Jesse Phillips wrote:
 >> Even the keyword 'auto' is C's defunct 'auto' in C++0x (and I strongly
 >> belive also in D); just because "automatic variable" and "automatically
 >> typed" both start with "auto". :)
 >>
 >> Ali
 >
 > If I'm not mistaken (surely I am), D's auto keyword is the same as C's.

C's auto is about lifetimes (storage duration). 'auto' makes function 
local variables and parameters automatically terminated upon exit from 
functions.

Since that's the default in C (and C++), 'auto' is redundant there. 
That's why the keyword has been reused by C++0x to mean "infer the type".

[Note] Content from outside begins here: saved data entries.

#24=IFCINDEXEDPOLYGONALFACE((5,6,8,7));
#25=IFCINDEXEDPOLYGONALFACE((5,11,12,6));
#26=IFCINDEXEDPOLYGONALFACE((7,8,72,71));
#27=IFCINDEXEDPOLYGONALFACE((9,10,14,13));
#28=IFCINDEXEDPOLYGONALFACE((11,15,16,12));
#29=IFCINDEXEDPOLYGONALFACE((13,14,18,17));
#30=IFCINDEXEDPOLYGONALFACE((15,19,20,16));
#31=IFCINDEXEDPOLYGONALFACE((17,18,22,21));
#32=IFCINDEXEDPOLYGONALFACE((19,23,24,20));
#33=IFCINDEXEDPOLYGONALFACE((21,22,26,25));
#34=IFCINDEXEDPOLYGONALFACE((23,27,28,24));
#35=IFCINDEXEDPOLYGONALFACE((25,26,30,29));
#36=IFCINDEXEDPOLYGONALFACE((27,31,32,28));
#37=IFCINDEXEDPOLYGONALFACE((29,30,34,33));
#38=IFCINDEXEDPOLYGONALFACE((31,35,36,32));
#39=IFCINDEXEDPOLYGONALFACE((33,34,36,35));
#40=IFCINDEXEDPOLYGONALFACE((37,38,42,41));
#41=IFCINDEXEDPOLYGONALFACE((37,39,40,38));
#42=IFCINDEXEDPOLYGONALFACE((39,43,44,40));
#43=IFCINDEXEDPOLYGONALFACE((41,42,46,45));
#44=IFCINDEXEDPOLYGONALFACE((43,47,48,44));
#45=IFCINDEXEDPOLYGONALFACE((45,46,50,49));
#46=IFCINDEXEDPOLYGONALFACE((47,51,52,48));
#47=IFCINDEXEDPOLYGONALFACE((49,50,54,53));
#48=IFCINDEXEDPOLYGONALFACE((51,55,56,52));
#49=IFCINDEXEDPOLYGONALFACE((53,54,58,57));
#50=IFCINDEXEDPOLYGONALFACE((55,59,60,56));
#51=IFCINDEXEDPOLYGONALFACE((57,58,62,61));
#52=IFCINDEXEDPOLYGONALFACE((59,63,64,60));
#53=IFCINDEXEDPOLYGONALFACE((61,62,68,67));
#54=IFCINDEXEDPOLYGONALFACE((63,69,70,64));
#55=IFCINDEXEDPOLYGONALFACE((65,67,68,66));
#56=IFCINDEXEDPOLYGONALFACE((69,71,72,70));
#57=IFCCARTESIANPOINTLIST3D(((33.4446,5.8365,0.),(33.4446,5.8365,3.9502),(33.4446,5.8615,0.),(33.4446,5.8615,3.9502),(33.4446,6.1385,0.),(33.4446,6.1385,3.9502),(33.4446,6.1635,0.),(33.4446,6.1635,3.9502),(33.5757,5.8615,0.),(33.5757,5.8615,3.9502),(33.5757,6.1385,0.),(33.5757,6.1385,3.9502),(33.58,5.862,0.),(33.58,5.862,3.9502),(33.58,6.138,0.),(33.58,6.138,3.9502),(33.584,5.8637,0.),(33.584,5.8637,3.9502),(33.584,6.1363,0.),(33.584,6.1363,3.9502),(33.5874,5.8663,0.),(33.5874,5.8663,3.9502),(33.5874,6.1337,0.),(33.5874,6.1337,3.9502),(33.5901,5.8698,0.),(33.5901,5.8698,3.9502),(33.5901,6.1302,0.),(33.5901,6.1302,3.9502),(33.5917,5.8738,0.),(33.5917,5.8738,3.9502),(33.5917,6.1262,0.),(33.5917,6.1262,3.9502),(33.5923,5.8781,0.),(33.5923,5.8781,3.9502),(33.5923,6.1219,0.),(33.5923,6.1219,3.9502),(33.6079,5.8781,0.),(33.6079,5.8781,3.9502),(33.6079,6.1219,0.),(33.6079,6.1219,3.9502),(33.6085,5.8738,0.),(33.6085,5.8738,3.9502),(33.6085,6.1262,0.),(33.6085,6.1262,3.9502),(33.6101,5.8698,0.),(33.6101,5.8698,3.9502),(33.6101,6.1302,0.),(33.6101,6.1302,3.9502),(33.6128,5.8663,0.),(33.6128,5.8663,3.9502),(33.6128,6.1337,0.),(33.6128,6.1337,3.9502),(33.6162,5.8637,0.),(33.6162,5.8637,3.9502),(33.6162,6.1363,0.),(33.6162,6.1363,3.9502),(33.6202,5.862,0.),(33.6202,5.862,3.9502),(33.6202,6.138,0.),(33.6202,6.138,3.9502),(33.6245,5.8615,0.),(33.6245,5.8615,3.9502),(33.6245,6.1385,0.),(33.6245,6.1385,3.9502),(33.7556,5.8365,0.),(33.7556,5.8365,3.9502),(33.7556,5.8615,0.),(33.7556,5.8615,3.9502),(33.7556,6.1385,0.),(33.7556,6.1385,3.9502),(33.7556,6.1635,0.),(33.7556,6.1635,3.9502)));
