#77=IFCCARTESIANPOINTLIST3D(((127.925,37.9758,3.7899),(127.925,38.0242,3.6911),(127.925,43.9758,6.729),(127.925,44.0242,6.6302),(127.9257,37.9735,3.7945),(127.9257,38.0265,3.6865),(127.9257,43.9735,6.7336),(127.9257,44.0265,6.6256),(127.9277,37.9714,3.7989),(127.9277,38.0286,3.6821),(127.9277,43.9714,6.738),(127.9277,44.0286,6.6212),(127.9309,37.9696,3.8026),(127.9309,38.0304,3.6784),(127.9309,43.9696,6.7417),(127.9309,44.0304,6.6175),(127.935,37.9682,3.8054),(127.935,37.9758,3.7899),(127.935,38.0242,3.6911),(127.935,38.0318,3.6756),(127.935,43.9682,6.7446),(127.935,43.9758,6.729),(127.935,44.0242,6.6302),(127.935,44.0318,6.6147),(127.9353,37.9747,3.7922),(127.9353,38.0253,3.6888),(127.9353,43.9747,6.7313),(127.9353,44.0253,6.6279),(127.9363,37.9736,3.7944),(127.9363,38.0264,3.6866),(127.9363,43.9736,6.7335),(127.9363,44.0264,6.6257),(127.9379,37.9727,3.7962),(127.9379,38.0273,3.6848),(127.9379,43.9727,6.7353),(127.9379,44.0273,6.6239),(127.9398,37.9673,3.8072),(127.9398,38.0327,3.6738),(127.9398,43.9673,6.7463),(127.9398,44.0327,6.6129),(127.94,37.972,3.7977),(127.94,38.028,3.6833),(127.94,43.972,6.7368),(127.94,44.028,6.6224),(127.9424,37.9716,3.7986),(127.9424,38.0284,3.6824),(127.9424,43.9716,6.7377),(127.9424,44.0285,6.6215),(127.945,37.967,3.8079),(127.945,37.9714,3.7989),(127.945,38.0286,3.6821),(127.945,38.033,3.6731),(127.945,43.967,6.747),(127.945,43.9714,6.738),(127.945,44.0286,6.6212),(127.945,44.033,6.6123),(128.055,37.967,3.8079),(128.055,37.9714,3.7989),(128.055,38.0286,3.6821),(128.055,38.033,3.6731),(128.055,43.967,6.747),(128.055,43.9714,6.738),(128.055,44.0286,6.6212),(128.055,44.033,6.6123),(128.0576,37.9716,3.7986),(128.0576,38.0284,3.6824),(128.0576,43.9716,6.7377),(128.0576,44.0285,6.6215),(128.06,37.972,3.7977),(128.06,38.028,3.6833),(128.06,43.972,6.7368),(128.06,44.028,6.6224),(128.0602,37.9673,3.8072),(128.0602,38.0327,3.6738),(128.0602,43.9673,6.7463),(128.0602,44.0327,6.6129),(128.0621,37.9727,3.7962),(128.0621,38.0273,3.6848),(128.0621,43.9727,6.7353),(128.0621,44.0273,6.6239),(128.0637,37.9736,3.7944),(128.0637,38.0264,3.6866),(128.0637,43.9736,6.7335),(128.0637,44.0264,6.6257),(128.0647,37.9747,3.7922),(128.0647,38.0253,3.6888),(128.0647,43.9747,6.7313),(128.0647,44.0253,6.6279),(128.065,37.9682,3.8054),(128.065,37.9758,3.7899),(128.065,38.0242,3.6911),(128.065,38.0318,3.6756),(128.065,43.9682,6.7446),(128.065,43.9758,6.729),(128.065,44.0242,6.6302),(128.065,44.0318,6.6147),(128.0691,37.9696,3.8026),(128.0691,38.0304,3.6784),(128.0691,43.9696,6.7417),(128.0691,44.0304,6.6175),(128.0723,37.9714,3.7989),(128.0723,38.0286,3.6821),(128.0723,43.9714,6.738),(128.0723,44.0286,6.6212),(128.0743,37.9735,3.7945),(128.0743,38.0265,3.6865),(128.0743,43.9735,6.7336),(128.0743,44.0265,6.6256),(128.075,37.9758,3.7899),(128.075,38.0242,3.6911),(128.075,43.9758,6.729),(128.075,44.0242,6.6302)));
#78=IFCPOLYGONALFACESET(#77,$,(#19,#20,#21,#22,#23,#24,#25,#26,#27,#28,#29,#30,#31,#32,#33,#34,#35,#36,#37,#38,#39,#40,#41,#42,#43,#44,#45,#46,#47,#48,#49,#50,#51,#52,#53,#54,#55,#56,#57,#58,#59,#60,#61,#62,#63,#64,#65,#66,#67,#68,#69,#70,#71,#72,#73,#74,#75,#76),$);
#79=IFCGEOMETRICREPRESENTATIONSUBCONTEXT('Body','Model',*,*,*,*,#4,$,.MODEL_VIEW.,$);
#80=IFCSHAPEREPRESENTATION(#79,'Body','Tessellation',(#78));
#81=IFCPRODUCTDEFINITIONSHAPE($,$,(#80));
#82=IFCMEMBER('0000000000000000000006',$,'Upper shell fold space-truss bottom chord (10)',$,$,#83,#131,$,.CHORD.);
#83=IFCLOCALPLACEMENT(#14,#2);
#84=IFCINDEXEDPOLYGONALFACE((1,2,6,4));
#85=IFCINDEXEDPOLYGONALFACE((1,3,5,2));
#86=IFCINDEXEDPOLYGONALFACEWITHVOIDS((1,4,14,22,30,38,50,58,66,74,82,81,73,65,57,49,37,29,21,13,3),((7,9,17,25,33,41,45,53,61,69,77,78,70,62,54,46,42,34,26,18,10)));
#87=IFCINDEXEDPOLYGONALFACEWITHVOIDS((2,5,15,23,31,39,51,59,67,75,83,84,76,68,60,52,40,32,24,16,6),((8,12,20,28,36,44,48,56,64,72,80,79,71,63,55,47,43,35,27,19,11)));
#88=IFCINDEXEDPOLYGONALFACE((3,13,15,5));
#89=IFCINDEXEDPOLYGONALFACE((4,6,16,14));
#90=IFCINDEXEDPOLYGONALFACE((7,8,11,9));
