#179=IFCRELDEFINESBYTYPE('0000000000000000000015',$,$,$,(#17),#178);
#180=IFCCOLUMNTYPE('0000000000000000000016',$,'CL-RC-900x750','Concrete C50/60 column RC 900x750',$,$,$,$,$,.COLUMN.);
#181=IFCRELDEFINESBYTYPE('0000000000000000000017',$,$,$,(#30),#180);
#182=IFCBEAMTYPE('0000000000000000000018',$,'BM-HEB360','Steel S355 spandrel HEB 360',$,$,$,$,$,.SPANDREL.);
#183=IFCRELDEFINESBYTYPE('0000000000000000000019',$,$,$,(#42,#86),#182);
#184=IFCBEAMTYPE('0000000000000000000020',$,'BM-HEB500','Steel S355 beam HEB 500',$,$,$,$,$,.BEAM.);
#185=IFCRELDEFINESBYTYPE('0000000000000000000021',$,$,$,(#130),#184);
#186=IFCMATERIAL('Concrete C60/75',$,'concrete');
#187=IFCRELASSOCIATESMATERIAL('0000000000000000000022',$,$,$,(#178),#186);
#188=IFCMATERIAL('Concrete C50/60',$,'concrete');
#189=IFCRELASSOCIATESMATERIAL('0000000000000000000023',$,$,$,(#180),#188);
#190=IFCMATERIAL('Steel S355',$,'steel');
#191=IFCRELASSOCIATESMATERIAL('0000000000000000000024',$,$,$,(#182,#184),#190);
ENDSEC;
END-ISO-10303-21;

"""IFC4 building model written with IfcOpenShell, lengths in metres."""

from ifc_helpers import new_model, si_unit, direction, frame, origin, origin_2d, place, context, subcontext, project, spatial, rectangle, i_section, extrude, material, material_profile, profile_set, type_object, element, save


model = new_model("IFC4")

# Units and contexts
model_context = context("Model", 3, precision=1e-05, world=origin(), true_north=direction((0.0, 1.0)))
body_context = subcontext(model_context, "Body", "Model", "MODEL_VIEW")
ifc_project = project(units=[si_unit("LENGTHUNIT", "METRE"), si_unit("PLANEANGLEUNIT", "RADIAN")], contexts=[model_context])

 > But D has type inference so we just state the storage class and not 
the type.
 >
 > http://www.digitalmars.com/d/2.0/declaration.html#AutoDeclaration

It is news to me that the following works without 'auto':

struct S
{
     int i;

     this(int i)
     {
         this.i = i;
     }
}

void main()
{
     const c = S(42);   // <-- no 'auto' needed
}

Now I realize that 'auto' is for when we want type inference for mutable 
variables because this doesn't work:

     c = S(42);   // <-- compiler ERROR

So we have to use a keyword:

     auto c = S(42);
     ++c.i;

If I understand it correctly, 'auto' serves as the nonexistent 'mutable' 
keyword in this case.

I think to be consistent, I will continue using 'auto' even for when a 
storage class is specified:

     const auto c = S(42);  // works too

For me, that gives 'auto' a single meaning: "the inferred type".

Do I get it right? :)

Ali